À Voix Haute - Jeanne, les TOCs

  • l’année dernière
Jeanne souffre de troubles obsessionnels compulsifs (TOC), qui se traduisent par des obsessions (pensées dérangeantes, répétitives et incontrôlables), causant une forte anxiété. Pour calmer ces obsessions, Jeanne met en place des rituels (ou compulsions), c'est-à-dire des comportements répétitifs, irraisonnés et incontrôlables, qui prennent beaucoup trop de place dans sa vie...
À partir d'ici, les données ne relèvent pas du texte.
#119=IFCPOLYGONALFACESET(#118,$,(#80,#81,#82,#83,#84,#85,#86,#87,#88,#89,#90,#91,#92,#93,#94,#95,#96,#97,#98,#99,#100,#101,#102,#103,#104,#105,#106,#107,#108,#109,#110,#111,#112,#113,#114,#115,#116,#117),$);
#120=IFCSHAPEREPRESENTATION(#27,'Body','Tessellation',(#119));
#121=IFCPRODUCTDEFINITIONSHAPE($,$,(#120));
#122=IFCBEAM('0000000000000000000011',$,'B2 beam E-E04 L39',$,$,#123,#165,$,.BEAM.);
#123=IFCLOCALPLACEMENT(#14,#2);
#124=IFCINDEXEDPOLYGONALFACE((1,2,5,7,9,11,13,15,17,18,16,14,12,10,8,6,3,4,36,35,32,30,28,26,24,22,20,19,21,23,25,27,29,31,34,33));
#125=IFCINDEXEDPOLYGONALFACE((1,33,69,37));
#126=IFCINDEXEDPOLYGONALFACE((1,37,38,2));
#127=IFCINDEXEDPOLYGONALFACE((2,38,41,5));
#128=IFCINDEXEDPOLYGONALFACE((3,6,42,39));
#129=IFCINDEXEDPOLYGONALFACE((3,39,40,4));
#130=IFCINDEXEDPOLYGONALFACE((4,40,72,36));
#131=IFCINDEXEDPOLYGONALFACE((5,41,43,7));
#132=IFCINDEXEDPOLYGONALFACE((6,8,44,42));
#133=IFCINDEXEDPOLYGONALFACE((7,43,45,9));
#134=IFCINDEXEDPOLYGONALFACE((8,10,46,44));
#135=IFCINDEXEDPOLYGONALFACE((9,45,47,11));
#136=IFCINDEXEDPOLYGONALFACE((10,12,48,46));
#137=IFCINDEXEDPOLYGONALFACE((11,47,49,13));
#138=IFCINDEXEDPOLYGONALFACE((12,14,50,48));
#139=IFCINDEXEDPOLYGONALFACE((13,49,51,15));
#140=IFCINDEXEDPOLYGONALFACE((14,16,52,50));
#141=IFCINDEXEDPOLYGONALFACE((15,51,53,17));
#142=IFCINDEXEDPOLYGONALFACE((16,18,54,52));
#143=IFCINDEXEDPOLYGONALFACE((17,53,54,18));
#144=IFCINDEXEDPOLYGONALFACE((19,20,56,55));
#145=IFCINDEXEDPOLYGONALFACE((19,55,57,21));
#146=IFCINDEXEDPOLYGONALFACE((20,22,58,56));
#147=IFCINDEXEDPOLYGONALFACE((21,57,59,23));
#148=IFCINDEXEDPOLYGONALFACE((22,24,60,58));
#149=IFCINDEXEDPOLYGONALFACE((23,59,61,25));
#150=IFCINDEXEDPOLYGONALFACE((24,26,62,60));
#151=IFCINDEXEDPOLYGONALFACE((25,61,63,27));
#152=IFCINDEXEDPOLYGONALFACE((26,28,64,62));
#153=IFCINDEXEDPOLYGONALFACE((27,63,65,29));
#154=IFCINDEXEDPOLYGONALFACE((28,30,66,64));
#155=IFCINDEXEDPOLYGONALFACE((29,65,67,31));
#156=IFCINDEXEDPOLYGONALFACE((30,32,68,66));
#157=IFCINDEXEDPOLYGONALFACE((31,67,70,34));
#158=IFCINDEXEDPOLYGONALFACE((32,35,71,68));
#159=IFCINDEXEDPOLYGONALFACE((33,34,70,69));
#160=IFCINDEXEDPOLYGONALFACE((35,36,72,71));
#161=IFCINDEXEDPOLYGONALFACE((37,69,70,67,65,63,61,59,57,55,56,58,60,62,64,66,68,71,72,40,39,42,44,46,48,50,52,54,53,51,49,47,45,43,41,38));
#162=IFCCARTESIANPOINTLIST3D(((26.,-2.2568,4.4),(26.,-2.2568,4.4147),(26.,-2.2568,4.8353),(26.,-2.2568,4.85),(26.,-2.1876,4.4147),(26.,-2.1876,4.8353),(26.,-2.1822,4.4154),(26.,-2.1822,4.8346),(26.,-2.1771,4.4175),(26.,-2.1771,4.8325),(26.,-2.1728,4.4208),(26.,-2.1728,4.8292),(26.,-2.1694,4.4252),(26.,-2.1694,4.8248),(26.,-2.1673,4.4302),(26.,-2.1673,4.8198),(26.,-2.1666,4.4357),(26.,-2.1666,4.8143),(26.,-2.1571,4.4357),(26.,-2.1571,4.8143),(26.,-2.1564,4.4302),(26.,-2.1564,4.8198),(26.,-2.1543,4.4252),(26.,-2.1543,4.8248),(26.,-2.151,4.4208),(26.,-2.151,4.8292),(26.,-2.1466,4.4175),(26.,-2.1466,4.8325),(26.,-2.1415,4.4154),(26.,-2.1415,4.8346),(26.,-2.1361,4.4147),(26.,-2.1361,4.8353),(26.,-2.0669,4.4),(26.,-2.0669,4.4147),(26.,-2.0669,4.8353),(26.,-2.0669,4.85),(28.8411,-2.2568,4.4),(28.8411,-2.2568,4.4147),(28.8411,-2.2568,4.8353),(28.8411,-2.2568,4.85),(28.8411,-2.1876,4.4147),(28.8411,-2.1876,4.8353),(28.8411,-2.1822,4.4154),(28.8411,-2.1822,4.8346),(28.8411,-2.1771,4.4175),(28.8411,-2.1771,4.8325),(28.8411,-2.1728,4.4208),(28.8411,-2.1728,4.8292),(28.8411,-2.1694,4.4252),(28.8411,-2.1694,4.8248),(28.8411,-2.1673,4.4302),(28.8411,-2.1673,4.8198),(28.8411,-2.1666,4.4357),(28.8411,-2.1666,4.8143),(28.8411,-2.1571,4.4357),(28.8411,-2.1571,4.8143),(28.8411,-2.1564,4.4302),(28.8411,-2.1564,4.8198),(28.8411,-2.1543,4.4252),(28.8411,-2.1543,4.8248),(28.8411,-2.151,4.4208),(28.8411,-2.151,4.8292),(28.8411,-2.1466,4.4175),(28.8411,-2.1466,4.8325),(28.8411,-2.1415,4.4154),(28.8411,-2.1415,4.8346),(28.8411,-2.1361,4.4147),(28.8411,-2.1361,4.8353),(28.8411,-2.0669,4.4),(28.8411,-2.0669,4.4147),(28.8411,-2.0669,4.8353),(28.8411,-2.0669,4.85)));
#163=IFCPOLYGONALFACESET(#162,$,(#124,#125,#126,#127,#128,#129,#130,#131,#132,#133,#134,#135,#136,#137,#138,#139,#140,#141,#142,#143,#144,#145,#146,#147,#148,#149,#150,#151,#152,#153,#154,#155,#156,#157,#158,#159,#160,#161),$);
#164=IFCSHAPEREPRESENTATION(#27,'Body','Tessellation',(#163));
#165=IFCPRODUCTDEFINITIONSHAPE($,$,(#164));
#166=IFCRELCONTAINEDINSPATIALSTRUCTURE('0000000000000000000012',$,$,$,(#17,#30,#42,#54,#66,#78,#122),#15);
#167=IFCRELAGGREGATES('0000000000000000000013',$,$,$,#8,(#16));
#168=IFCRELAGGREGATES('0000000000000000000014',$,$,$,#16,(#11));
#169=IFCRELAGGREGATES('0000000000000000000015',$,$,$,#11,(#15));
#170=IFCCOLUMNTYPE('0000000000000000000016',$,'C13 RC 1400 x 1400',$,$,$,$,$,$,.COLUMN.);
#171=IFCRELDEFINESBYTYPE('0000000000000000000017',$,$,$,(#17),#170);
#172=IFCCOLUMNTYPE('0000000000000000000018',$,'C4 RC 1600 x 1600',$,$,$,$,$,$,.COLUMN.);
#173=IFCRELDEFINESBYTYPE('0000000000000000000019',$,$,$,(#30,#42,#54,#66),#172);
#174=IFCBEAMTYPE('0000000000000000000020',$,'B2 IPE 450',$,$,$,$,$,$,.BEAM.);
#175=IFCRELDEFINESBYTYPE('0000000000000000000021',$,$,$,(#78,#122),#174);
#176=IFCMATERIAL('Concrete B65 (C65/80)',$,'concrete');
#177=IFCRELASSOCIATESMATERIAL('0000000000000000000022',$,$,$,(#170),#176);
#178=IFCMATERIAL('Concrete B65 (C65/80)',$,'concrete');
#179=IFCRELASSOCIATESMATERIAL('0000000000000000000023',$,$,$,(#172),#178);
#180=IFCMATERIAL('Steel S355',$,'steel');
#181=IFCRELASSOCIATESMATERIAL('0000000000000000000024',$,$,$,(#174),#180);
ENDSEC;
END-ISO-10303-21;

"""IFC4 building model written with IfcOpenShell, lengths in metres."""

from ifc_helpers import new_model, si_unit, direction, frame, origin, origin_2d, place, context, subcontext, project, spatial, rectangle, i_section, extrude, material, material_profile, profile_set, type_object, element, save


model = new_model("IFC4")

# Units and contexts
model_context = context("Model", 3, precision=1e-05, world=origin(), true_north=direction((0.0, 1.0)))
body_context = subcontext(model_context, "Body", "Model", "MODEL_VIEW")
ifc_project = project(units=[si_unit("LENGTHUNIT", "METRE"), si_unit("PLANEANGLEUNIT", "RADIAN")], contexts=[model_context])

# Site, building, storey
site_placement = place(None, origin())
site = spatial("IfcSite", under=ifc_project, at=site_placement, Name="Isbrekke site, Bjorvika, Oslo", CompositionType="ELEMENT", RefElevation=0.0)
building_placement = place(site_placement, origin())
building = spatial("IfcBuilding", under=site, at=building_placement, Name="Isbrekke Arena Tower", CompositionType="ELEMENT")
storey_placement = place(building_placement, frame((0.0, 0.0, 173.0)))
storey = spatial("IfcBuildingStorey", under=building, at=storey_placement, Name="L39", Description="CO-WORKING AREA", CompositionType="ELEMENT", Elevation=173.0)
Elle nous raconte son quotidien avec cette maladie invisible
Transcript
00:00 Les TOCs ont eu un réel impact sur ma vie parce que je les ai eus au moment de l'adolescence.
00:05 Je me suis fait énormément harceler au collège.
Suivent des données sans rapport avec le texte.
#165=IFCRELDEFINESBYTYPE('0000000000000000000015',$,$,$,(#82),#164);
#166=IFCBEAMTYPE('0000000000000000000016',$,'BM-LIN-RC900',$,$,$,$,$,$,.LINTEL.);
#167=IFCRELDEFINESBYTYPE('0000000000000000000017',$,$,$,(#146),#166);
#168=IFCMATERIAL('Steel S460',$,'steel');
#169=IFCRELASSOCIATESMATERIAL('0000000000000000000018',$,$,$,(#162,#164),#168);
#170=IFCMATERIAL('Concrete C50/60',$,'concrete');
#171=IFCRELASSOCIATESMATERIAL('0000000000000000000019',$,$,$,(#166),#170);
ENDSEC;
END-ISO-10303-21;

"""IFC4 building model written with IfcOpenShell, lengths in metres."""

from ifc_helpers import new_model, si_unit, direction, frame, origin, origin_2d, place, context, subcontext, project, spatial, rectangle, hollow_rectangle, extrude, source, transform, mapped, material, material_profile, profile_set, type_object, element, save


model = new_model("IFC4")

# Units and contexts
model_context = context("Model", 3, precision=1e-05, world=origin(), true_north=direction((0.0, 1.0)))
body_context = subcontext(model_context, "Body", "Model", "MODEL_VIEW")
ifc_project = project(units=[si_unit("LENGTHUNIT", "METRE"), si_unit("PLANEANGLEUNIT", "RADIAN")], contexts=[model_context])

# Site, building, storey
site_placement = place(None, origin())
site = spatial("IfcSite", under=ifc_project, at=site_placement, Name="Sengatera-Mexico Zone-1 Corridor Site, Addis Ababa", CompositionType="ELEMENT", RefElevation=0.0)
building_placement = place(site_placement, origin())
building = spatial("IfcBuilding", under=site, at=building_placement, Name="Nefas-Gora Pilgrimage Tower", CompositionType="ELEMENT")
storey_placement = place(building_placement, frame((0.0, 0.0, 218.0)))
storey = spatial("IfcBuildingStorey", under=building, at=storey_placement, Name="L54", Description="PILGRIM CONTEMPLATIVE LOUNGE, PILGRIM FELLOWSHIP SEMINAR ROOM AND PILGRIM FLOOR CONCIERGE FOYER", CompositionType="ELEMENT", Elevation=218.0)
00:07 J'ai des TOCs depuis 10 ans.
00:09 Ça a commencé lors de mon changement de passage en primaire au collège.
00:13 Je pense que les TOCs sont arrivés à ce moment-là parce que, au niveau familial, c'était très compliqué dans mon foyer.
00:18 Et le fait de changer d'école, ça a changé tous mes repères, toutes mes habitudes.
00:21 Et moi, ça m'a terriblement bouleversée.
00:23 Et je pense que c'est un confort que j'ai voulu mettre en place.
00:26 Mes parents ont commencé vraiment à se poser énormément de questions parce que je ne mangeais que du sous-vide.
00:30 Je refusais de manger ce que ma mère, elle préparait.
00:32 Je me lavais énormément les mains.
00:33 J'avais peur de mettre de l'eau sur mon visage.
00:35 Et après, j'ai eu un TOC qui me disait qu'il fallait absolument que je me lave le visage au savon.
00:39 Donc, c'est vraiment pour dire que c'est complètement irrationnel.
00:41 Et ils voyaient bien qu'il y avait quelque chose qui n'allait pas.
00:43 Donc, ils ont consulté des psychologues, plusieurs, pour venir aux conclusions que c'était bien des TOCs que j'avais.
00:48 J'ai des phobies d'impulsion, principalement.
00:51 Les phobies d'impulsion, ce sont des pensées ou parfois même des images qu'on imagine
00:56 qui pourraient nous mettre en danger.
00:57 Donc, moi, par exemple, j'ai la phobie des bactéries.
01:00 J'ai peur de lécher ma chaussure parce que si je lèche ma chaussure, ça veut dire que je vais tomber malade.
01:04 Et si je tombe malade, ça veut dire que je vais vomir.
01:06 Et comme je suis héméthophobe, j'ai développé des sortes de barrières mentales et sécurités
01:10 qui sont complètement fausses et irrationnelles parce que jamais de la vie, je ne lécherais ma chaussure.
01:15 Mais c'est vraiment des pensées qui arrivent comme ça.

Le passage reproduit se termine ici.